When we bought our van back in March we made the mistake of buying the internal screens! What a mistake, I find them quite difficult to get a good fit and then the windscreen condensing starts! Once the screen condenses they just fall off with us because the suckers cant grip.

We used to leave them on in storage but if the sun was on the front of the van the suckers just fell off (even though I licked them a little), then causing the alarm to go off  

Before our next trip away im going to buy some external screens, when away last the MH next to us had external screens and he showed me exactly how to fit them etc. it took half the time that it takes to do the interior screens and the external screens prevent the condensation. 

We have a large bath towel now that we have to use to wipe down the inside of the windscreen every morning after we have stayed in the van!!

Ian.


----------



## nicholsong (May 26, 2009)

I shall shortly be buying an external screen for my w/screen-probably not bother with sidescreens for the cab, as they are double-glazed.

Can anybody please advise the various options for attaching an external screen to 'A' class 'vans with no cab doors and mirrors that have a bottom-mounted bracket. 
I am aware of the Isomatten Screen method of attaching a channel to the van bodywork.

Thanks in anticipation.

Geoff


----------



## Redknee (Nov 18, 2009)

The internal screens supplied with my old (Now traded in) AS T5 van, not only caused massive condensation & had the propensity to fall off, but did not fit leaving up to 3" gaps around the windows.

Regards, Redknee.


----------



## JockandRita (Jun 1, 2005)

hblewett said:


> And I'll third it! Ours are Taylormade with the option to fold down the front part on the screen to let in light/see out without taking it all off. Very happy with ours too.

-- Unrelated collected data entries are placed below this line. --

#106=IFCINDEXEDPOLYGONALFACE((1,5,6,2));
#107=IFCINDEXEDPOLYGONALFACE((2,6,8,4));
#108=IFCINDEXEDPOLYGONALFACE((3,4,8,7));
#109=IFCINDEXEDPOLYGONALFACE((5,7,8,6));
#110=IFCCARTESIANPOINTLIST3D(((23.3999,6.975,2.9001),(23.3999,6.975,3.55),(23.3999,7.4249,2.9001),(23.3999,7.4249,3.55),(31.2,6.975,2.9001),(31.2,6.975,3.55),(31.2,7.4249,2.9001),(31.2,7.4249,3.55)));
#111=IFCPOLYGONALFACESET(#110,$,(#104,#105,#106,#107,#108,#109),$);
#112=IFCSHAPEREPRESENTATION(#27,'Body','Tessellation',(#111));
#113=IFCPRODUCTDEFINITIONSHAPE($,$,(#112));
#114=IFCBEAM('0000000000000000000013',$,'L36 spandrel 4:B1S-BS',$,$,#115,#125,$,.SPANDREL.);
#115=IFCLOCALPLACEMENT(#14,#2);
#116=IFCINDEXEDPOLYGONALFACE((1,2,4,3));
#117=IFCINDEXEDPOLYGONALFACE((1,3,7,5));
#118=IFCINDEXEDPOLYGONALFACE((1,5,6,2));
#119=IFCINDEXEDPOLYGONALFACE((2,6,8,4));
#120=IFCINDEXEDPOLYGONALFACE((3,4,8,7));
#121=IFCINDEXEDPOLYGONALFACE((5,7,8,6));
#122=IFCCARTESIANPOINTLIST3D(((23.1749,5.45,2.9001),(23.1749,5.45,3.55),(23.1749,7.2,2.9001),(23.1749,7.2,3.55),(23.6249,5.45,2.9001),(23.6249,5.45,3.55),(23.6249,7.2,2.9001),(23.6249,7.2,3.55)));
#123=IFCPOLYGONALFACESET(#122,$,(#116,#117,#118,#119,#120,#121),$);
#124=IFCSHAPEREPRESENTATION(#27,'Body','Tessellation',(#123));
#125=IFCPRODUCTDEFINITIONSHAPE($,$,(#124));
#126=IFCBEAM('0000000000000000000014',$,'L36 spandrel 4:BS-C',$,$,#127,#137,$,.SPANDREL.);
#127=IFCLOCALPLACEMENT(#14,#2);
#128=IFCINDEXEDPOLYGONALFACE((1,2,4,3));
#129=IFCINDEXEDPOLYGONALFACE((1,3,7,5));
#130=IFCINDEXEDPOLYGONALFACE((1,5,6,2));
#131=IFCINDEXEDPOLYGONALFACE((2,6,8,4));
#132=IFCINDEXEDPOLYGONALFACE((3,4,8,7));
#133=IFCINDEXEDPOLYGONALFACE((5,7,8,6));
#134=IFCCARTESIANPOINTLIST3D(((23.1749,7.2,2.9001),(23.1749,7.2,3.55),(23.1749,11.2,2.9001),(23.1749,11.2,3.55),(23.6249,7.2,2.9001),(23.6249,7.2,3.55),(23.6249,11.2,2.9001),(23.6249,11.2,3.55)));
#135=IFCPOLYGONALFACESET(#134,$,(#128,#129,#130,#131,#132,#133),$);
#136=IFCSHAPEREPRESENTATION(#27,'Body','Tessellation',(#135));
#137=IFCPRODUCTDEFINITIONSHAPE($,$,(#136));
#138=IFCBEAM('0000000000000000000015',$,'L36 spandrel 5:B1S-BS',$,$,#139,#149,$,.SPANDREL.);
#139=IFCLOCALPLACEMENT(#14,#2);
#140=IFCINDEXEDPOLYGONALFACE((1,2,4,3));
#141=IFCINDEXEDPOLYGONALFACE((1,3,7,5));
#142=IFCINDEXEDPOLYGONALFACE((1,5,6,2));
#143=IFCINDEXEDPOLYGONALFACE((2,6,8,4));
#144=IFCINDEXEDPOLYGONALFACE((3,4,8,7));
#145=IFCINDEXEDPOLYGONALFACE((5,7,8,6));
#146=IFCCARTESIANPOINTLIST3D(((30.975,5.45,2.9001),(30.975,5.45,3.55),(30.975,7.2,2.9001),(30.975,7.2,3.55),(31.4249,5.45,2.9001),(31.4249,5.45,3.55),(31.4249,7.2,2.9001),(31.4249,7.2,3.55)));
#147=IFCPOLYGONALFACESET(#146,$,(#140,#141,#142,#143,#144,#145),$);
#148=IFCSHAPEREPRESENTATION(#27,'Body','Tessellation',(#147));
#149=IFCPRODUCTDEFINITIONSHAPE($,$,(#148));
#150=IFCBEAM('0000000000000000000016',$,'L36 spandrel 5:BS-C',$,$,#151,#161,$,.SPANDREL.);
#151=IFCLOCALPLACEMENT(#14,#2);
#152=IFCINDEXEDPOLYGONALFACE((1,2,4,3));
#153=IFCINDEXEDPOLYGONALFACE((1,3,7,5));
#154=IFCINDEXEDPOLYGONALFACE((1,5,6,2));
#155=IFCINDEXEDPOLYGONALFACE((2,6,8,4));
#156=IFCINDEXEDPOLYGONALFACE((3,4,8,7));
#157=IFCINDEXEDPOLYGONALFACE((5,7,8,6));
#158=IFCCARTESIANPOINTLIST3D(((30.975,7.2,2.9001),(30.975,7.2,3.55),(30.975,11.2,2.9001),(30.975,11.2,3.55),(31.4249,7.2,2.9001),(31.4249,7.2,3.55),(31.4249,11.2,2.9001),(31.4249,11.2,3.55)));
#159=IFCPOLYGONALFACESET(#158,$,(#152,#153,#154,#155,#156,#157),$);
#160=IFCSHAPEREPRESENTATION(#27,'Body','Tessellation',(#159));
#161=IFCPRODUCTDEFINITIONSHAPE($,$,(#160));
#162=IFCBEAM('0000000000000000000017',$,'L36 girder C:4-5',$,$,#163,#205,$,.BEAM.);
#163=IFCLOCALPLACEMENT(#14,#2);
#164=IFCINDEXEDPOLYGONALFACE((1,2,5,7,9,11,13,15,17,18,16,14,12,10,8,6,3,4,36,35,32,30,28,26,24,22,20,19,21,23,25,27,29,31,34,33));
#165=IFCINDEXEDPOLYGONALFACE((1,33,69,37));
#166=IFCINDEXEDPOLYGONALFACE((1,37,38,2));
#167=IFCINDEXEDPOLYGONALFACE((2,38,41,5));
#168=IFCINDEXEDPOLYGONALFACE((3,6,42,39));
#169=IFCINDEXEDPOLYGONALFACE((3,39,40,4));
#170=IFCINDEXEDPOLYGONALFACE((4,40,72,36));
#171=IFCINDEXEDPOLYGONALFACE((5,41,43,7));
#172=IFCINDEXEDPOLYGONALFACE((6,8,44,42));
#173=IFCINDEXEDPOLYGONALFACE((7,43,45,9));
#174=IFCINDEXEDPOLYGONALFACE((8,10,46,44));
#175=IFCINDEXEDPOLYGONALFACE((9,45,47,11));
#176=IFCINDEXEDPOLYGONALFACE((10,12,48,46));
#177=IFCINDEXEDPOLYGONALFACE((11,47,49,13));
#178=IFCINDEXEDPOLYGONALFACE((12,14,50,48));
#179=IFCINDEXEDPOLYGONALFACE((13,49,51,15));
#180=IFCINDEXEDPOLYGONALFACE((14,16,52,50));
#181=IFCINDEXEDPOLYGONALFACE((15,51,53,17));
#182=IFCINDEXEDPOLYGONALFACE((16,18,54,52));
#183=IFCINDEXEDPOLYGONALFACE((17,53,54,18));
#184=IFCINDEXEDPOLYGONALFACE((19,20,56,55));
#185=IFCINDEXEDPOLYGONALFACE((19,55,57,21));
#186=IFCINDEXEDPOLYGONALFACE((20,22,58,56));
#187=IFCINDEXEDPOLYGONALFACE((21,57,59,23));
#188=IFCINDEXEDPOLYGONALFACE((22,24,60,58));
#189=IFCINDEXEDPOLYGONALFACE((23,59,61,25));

And I'll fourth it. :lol: Taylormade's too with the same option.

*Geoff*,

I have seen a couple of N & B with the double glazed side cab windows, and they have been subjected to internal condensation too, as no external covers were used. 
Try PM'ing Ken (Gaspode), as he was looking for external screens for his N & B a while back. He may be able to help with model type and fittings.

Regards,

Jock.


----------



## nicholsong (May 26, 2009)

Jock thanks.

I will PM Gaspode

Re side-screens, will try without at first-can add later if a problem, but they will be easier to wipe down than the huge w/screen which is difficult to reach.

Geoff


----------



## nicholsong (May 26, 2009)

Jock thanks.

I will PM Gaspode

Re side-screens, will try without at first-can add later if a problem, but they will be easier to wipe down than the huge w/screen which is difficult to reach.

Geoff


----------



## Penquin (Oct 15, 2007)

Externals for us too - also Taylormades, very strong recommendation.

D


----------



## zappy61 (May 1, 2005)

*screens*

Well we just love our internal screens, we never get condensation they fit very well and the suckers stay put. We got them from CAK tanks. I didn't like the idea of going out at night maybe in the rain to put externals on and then put them away wet. We say nearly every time we use them that they were one of the best things we bought.

More Here

Graham


----------



## JockandRita (Jun 1, 2005)

nicholsong said:


> Jock thanks.
> 
> I will PM Gaspode
> 
> ...


No problems.

A long broom shaft might come in handy Geoff, for rolling and unrolling the cover across such a tall screen. :wink:

Jock.


----------



## bobbylob (Jul 31, 2009)

Thanks for all the advice guys - will check out the Taylormades.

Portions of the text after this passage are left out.